Wie ist es dann wenn ich in verschiedenen Ordnern was hochladen will

Also auf mein FTP Backupsspace habe ich den Ordner Backups und dann die passenden Unterordner.

Kann ich es dann so machen 

cd $FTPdir
bin
[hier deine FTP-Befehle wie put/mput...]

cd $FTPdir
bin
[hier deine FTP-Befehle wie put/mput...]

einfach hinter einander


----------



## Arne Buchwald (24. Oktober 2005)

Haste dir mal Reoback angesehen?


----------



## Dimenson (24. Oktober 2005)

Reoback  Was ist das denn


----------



## Dr Dau (24. Oktober 2005)

Hallo!


			
				Dimenson hat gesagt.:
			
		

> Reoback Was ist das denn


Evtl. was zum essen?! 

Google ist dein Freund.
Schon der erste Treffer führt zur Homepage von REOBack.
Und der zweite Treffer führt zu einer deutschen Beschreibung/Anleitung in den FAQ's von Strato.

Gruss Dr Dau


----------



## Dr Ongo (25. Oktober 2005)

Dimenson hat gesagt.:
			
		

> [...]
> auch soweit, aber ich hätte gern noch das er mir die atei dann anschliessend hochlädt auf einen ftp server wo einer Login namen und passwort verlangt.
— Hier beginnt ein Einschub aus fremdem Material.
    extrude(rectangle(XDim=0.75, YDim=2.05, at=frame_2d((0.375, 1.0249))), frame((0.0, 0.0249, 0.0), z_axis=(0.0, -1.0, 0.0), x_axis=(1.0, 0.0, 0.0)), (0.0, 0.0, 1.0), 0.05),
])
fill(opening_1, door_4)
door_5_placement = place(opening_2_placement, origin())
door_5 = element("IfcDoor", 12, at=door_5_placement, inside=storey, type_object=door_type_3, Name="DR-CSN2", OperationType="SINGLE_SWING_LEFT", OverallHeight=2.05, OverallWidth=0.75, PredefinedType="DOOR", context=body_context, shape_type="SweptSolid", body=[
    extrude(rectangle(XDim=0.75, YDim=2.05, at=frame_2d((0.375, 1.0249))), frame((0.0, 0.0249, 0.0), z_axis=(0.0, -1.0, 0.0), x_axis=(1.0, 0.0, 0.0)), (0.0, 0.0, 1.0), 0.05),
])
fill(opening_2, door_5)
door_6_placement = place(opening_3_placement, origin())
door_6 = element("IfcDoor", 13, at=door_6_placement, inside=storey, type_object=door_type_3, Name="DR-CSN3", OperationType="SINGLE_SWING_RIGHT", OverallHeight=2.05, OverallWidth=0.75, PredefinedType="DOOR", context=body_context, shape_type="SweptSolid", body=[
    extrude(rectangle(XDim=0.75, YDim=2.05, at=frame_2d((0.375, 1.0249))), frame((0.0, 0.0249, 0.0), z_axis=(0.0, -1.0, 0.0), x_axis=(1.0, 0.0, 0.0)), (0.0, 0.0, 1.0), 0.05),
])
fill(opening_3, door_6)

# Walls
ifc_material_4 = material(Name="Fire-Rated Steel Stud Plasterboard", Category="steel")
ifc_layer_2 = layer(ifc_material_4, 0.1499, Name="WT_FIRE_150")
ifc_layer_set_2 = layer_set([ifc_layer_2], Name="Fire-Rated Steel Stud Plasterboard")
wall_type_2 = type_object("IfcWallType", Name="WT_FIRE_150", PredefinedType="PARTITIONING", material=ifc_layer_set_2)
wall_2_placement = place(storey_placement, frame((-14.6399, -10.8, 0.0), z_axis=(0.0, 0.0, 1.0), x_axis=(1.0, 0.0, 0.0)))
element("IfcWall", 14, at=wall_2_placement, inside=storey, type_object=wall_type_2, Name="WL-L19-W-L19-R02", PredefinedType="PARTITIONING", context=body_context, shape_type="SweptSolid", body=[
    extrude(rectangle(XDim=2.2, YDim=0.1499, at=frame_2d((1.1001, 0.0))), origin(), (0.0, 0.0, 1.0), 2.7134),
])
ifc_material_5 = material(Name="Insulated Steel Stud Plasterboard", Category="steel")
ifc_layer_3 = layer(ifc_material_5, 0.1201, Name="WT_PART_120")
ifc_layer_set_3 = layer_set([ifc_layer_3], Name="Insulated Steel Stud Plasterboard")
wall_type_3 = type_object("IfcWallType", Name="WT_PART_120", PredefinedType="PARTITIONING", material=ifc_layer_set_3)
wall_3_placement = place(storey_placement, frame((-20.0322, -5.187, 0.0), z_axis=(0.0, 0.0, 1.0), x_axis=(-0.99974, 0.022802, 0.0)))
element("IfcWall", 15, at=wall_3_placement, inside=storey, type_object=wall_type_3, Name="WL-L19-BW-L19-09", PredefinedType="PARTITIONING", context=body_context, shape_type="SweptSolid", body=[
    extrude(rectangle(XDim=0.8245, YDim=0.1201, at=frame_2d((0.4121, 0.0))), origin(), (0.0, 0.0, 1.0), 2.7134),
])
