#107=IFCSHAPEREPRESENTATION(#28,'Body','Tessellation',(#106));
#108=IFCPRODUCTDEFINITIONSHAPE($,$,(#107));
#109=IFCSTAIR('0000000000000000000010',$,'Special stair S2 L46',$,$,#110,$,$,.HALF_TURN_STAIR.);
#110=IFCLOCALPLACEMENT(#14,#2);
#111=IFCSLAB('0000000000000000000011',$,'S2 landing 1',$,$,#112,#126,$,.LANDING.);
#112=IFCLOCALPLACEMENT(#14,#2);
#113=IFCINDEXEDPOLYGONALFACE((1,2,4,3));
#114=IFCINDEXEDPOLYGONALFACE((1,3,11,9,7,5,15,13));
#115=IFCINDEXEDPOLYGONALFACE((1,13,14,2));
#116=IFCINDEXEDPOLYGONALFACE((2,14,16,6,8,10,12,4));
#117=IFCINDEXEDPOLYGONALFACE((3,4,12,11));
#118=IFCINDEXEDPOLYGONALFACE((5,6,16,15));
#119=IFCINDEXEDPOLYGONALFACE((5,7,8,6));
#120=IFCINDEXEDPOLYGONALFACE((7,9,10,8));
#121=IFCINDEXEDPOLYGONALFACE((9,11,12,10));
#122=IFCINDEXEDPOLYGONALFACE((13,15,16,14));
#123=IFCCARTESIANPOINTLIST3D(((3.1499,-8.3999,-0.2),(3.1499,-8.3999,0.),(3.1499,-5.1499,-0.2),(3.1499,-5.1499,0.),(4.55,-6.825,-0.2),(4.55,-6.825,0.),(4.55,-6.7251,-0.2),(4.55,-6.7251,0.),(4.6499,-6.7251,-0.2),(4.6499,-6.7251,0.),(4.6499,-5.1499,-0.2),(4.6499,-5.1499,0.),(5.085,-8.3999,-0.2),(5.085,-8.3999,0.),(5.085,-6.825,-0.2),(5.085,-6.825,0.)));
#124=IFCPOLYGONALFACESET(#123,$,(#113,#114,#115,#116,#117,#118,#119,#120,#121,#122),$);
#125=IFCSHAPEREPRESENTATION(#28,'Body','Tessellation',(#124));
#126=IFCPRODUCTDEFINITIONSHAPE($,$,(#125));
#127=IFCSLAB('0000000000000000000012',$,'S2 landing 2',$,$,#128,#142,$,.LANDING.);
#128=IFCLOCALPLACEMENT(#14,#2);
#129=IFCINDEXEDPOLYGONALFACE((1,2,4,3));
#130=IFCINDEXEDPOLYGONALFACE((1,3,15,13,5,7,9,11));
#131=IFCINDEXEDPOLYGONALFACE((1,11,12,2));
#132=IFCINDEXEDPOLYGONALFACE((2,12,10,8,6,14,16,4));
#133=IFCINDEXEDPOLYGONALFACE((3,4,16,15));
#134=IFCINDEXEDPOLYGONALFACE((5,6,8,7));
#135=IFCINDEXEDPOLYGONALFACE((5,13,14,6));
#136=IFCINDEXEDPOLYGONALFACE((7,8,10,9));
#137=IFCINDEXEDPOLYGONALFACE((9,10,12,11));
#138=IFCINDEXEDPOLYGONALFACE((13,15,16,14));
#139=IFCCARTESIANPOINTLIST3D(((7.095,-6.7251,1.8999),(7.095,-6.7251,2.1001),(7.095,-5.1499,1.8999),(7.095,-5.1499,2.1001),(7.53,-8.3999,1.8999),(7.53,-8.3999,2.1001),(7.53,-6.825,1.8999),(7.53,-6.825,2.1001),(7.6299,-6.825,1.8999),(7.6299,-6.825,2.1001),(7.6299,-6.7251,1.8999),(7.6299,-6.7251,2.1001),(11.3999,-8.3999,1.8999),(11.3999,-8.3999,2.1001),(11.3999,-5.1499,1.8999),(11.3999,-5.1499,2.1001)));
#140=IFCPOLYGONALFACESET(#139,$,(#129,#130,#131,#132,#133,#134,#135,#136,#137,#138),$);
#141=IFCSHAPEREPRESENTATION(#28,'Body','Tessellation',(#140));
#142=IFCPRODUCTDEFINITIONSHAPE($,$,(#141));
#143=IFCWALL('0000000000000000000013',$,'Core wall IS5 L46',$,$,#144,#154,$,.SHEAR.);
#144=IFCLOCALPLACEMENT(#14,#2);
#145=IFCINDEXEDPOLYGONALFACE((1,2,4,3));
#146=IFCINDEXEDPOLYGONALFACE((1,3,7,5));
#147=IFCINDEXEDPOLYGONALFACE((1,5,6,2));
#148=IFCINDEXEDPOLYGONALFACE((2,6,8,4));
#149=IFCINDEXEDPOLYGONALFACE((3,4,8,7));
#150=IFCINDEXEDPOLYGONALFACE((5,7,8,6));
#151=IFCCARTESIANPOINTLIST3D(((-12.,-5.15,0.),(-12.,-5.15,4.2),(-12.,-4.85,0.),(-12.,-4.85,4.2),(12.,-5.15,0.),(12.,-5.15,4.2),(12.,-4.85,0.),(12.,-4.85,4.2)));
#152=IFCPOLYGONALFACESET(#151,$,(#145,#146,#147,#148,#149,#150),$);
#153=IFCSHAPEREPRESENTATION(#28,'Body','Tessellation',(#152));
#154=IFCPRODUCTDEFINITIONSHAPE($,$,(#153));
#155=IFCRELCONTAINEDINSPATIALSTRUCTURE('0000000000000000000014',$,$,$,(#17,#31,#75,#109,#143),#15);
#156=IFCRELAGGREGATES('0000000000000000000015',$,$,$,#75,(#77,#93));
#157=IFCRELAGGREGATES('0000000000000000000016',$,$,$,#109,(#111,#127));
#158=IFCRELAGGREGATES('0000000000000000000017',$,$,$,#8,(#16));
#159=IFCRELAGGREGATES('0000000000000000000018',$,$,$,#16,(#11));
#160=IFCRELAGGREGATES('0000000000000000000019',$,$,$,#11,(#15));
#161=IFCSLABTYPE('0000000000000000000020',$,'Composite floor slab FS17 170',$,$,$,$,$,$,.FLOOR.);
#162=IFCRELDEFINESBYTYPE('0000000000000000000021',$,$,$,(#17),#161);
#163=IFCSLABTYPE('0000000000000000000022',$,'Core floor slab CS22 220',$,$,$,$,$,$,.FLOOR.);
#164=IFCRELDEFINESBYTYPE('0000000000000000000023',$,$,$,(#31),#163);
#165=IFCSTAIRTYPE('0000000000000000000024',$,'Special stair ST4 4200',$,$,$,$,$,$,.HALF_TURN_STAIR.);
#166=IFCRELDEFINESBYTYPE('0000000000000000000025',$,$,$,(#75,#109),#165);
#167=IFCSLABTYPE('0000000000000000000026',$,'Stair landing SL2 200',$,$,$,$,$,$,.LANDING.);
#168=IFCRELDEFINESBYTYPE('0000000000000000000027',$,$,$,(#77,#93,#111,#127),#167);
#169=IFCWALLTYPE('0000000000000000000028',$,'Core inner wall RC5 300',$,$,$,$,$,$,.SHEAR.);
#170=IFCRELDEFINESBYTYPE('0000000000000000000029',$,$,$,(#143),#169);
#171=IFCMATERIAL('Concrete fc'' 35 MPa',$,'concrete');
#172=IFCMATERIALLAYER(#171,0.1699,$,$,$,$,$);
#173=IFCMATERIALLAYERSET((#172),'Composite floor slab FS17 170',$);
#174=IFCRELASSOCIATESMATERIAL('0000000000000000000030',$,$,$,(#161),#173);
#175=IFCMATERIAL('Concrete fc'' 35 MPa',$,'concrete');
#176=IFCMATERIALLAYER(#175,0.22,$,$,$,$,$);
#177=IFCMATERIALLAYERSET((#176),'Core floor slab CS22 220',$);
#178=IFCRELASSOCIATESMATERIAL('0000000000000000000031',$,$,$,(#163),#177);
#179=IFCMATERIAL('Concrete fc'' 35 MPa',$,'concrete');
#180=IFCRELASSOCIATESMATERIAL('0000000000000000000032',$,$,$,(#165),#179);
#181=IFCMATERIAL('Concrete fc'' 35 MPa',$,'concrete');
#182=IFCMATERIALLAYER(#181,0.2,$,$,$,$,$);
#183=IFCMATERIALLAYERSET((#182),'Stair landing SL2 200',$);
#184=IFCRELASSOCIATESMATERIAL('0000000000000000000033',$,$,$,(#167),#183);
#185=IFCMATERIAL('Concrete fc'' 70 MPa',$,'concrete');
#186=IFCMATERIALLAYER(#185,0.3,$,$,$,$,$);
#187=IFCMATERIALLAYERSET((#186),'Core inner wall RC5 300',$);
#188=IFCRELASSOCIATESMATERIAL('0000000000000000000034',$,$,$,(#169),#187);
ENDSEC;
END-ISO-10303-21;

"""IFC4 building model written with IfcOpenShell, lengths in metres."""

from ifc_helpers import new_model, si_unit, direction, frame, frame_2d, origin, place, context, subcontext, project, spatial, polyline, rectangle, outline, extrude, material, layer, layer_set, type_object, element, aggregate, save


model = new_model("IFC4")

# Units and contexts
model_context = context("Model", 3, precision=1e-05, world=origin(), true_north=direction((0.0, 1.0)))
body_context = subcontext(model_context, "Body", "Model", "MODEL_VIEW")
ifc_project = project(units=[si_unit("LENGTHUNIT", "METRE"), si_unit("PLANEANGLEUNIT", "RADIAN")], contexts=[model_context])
Kennt da jemand was



Ja, versuch' mal *expect*.

Alles weitere erfährst du mit "man expect" auf der Konsole oder hier 

Cheers

Dr. Ongo


----------



## canuzzi (26. Oktober 2005)

Ja genau. Expect ist das richtige Stichwort. Falls die Sachen, die du mit ftp machen willst, umfangreicher wird, kannst du mit Expect arbeiten. expect ist eine Erweiterung der Skriptsprache TCL (gespr. tickle), und speziell zur Automatisierung interaktiver Programme wie ftp gedacht. tcl/expect ist eigentlich bei jeder Dist mit dabei. Die Notation entspricht eigentlich den normalen shellskripten. Speziell zur Automatisierung von ftp findet sich aber auch viel im Web.


----------